Conrad Bursian (/de/; 14 November 1830 – 21 September 1883) was a German philologist and archaeologist.

== Biography ==
He was born at Mutzschen in Saxony. When his parents moved to Leipzig, he received his early education at Thomasschule zu Leipzig. From 1847 to 1851 he was a student at the University of Leipzig, where his instructors included Moritz Haupt (1808–1874) and Otto Jahn (1813–1869). He then spent six months in Berlin, where he attended lectures given by August Böckh (1785–1867). In 1852 he completed his university studies at Leipzig, spending the next three years traveling in Belgium, France, Italy and Greece.

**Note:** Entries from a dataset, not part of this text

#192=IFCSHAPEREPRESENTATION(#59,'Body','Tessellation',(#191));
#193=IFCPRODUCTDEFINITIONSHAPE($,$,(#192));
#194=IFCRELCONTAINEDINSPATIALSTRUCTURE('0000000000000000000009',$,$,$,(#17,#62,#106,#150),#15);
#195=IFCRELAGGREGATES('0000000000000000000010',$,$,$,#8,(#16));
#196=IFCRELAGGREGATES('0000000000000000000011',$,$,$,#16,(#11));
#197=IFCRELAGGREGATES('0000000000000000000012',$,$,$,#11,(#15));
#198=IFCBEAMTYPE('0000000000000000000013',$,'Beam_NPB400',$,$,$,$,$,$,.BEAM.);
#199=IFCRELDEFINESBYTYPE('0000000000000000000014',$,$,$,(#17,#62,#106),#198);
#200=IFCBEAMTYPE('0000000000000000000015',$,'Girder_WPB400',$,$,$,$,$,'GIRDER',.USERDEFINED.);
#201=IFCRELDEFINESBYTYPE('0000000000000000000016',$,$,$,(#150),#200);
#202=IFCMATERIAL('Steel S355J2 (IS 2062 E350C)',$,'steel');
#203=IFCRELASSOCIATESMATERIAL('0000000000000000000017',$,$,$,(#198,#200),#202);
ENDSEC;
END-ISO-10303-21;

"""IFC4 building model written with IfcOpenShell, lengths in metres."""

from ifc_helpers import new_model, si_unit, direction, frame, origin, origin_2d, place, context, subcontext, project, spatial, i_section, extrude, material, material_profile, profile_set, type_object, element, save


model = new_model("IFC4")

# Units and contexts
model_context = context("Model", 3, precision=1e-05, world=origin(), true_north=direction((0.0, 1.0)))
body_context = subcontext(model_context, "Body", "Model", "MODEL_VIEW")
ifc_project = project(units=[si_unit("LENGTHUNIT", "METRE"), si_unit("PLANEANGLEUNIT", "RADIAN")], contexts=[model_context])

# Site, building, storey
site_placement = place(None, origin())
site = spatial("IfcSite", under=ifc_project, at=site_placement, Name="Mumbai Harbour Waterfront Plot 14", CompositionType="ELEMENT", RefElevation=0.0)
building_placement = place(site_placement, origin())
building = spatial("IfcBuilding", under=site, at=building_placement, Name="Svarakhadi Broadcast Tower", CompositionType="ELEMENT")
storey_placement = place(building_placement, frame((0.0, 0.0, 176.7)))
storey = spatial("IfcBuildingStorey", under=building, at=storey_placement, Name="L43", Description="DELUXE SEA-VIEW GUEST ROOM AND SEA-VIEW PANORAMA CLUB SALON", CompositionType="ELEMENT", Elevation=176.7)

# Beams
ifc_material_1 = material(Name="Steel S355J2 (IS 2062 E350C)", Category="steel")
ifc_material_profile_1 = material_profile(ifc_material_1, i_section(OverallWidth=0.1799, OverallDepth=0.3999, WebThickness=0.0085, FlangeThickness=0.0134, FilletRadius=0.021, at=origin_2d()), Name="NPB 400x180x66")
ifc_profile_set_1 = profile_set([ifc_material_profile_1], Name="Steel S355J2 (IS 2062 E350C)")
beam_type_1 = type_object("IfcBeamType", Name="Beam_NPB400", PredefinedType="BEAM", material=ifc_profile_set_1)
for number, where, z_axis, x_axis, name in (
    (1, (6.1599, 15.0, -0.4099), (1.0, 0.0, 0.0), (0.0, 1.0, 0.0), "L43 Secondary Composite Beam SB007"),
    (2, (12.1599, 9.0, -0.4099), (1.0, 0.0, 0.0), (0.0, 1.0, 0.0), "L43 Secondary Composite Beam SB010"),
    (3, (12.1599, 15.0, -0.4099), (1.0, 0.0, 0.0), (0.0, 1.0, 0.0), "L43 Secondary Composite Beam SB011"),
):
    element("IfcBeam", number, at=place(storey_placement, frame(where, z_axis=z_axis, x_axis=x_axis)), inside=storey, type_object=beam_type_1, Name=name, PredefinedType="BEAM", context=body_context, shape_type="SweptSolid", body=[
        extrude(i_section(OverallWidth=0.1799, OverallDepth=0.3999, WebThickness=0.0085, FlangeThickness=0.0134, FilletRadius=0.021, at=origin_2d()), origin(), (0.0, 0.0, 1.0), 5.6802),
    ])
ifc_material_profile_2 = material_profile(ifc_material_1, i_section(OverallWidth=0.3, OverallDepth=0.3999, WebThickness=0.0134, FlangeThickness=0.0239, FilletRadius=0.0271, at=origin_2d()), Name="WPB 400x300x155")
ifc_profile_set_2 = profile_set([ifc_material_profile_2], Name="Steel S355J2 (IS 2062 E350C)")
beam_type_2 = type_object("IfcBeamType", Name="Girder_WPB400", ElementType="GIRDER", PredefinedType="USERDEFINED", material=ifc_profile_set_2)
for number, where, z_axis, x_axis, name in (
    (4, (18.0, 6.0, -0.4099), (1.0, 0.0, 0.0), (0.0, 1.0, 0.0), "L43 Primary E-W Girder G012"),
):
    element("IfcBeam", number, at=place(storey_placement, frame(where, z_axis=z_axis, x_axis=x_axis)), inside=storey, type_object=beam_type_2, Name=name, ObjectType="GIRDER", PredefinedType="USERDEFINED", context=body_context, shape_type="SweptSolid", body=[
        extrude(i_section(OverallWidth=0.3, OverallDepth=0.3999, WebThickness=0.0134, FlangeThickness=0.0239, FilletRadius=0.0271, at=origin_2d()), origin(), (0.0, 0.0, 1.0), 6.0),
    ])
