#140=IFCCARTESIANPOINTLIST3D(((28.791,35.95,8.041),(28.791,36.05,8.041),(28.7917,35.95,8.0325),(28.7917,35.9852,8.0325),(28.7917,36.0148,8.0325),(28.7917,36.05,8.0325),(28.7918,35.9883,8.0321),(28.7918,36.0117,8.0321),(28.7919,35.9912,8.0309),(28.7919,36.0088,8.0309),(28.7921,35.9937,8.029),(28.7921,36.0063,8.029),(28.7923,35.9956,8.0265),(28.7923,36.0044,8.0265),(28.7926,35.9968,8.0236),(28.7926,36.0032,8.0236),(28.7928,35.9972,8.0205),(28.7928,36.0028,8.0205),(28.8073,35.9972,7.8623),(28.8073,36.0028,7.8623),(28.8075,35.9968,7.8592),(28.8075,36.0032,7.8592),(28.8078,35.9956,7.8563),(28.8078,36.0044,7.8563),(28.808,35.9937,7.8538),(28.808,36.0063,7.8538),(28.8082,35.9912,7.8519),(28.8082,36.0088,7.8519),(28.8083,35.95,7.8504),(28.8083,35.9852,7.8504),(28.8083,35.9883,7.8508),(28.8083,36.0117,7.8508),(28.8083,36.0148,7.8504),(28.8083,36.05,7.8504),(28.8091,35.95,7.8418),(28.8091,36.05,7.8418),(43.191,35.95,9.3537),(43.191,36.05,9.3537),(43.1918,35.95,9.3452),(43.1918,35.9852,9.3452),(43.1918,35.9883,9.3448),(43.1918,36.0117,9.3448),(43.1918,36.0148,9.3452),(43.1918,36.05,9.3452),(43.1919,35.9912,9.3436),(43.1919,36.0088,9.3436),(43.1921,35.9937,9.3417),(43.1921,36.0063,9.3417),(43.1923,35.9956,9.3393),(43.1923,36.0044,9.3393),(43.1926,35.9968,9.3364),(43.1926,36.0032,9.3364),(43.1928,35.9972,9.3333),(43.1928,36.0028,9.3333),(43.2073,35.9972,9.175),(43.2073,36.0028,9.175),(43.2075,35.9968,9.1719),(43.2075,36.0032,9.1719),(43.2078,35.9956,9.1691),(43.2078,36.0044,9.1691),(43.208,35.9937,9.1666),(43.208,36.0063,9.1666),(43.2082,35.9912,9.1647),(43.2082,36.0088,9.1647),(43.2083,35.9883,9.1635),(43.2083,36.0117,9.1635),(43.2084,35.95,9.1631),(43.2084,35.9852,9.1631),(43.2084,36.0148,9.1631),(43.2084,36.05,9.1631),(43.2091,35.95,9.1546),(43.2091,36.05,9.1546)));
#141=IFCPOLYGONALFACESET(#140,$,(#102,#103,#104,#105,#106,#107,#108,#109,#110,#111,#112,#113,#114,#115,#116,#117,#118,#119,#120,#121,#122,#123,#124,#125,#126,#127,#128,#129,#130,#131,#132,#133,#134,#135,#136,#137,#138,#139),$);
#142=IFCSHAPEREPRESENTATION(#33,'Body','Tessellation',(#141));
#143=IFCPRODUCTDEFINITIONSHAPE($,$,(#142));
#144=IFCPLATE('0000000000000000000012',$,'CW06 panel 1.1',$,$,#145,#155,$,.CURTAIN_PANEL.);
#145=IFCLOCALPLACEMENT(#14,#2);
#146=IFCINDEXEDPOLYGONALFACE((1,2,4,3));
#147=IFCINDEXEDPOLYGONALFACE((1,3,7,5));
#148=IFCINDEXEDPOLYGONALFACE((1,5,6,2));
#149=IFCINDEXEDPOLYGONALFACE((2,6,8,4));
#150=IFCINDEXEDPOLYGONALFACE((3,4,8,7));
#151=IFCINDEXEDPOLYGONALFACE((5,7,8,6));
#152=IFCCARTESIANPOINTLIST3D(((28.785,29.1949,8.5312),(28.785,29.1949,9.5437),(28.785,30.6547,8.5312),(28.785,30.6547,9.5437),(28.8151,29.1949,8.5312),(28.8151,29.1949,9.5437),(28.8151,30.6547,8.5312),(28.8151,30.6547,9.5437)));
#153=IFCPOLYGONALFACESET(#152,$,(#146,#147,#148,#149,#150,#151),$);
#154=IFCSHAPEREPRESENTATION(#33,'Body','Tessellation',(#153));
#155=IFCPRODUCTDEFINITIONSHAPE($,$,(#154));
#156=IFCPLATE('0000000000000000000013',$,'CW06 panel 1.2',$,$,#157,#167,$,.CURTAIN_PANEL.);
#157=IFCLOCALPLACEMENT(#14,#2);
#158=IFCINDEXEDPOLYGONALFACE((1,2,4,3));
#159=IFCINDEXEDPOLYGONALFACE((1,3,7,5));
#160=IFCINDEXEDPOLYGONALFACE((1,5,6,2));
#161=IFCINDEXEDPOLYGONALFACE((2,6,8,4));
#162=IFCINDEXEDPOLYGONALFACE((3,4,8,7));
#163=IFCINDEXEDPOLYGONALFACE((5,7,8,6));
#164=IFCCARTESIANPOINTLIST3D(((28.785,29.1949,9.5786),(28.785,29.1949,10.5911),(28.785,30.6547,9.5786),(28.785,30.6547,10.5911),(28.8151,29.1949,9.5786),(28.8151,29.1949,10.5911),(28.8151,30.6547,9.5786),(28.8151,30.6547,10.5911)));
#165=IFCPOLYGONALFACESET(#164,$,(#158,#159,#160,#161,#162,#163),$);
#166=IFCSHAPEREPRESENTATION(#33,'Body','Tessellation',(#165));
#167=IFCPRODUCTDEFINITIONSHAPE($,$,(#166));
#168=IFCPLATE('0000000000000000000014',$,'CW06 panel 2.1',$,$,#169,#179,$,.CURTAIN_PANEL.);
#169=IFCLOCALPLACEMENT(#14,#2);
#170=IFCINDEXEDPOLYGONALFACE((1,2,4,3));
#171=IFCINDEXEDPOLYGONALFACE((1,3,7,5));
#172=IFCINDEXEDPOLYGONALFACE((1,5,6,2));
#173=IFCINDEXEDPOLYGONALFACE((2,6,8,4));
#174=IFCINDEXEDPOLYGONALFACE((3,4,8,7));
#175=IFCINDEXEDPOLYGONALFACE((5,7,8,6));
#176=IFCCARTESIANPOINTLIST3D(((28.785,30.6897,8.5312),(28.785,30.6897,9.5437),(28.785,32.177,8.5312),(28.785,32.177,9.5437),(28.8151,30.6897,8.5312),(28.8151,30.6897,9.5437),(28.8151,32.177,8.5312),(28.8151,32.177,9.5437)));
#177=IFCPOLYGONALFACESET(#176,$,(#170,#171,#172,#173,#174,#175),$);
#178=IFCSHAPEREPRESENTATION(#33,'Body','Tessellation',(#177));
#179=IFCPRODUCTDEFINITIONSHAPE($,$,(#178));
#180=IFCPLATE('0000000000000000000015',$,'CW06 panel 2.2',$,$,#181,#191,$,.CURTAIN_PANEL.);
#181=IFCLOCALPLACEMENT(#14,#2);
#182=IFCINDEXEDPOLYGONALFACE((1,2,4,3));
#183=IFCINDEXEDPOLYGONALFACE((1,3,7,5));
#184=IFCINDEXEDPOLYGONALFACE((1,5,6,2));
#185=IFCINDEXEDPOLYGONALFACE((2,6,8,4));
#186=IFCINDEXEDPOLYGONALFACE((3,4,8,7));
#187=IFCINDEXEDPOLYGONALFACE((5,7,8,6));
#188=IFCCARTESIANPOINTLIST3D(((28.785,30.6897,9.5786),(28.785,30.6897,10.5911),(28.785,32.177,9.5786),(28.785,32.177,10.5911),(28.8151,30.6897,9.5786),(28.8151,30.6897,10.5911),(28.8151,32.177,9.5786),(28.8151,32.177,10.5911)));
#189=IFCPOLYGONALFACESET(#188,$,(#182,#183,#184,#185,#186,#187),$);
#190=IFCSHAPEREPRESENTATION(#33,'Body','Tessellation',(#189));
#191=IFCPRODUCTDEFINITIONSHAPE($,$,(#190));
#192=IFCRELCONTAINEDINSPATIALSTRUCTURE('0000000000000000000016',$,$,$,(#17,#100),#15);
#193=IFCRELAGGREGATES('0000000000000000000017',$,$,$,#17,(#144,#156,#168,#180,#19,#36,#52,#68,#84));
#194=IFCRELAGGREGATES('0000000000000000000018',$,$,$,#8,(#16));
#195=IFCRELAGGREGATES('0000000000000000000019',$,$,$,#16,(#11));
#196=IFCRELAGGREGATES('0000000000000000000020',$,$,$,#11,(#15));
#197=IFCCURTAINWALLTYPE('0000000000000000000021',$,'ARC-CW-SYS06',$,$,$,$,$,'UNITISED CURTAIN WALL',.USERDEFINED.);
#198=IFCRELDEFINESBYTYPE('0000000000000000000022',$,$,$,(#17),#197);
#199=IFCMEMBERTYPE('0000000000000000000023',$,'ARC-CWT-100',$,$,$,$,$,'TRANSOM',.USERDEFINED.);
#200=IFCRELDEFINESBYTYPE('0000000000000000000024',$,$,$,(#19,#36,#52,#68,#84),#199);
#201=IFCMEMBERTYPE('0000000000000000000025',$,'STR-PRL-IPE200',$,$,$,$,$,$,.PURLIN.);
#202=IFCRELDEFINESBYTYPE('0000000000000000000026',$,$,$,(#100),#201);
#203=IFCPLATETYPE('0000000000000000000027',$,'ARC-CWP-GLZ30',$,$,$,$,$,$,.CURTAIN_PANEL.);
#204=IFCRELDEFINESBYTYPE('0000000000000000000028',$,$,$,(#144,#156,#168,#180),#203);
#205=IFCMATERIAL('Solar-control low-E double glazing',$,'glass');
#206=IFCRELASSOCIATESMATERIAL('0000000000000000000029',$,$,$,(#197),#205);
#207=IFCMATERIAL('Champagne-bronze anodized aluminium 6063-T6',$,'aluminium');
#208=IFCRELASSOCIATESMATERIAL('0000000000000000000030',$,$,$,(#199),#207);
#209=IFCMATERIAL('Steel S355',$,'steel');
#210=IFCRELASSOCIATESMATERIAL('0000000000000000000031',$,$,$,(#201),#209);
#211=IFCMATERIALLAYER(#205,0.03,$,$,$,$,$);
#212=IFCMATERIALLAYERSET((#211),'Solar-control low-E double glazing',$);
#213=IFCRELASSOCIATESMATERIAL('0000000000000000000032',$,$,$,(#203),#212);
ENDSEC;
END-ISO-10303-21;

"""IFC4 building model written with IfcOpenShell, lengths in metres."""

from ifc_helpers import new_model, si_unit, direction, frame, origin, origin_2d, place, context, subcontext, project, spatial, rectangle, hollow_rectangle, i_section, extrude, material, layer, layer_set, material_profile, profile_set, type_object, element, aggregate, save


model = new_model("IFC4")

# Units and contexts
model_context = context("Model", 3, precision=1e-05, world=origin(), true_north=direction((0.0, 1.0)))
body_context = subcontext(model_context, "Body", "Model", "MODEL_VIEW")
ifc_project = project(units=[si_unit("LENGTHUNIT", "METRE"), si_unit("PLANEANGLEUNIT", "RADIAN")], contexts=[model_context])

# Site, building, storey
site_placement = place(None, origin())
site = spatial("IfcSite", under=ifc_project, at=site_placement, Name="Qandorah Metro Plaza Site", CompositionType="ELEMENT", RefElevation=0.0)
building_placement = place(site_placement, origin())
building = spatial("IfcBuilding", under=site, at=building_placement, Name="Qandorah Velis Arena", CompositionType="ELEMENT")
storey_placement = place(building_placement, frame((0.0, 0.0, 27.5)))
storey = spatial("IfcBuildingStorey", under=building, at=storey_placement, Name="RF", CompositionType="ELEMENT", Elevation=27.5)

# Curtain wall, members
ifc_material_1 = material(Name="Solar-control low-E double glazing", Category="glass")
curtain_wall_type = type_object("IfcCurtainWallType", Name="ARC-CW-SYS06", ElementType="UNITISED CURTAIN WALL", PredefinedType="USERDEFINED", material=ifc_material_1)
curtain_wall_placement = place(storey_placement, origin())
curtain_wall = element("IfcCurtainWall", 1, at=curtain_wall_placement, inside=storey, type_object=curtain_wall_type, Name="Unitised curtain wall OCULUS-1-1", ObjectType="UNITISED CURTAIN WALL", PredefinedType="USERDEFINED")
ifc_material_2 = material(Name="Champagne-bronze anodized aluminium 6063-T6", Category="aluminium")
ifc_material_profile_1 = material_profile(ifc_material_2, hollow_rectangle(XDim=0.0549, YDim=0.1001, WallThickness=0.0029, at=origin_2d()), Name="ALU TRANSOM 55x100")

In 1856 he obtained his habilitation, and two years later was an associate professor in Leipzig. In 1861 he was appointed professor of philology and archaeology at Tübingen; in 1864 he was a professor of classical antiquities at Zürich. From 1869 at Jena, he was a professor and director of the archaeological museum, and in 1874 he relocated to Munich, where he served as a professor until his death.

==Principal works==
His favorite classical authors were Aristophanes, Demosthenes, Theocritus and the Greek tragedians; among the Romans, he favoured Lucretius, Juvenal and the Elegiacs. He was editor of the Jahresbericht über die Fortschritte der klassischen Altertumswissenschaft (Annual report on the progress of classical studies), and wrote an outline of Greek art history for Ersch and Gruber's Allgemeine Encyclopädie der Wissenschaften und Künste.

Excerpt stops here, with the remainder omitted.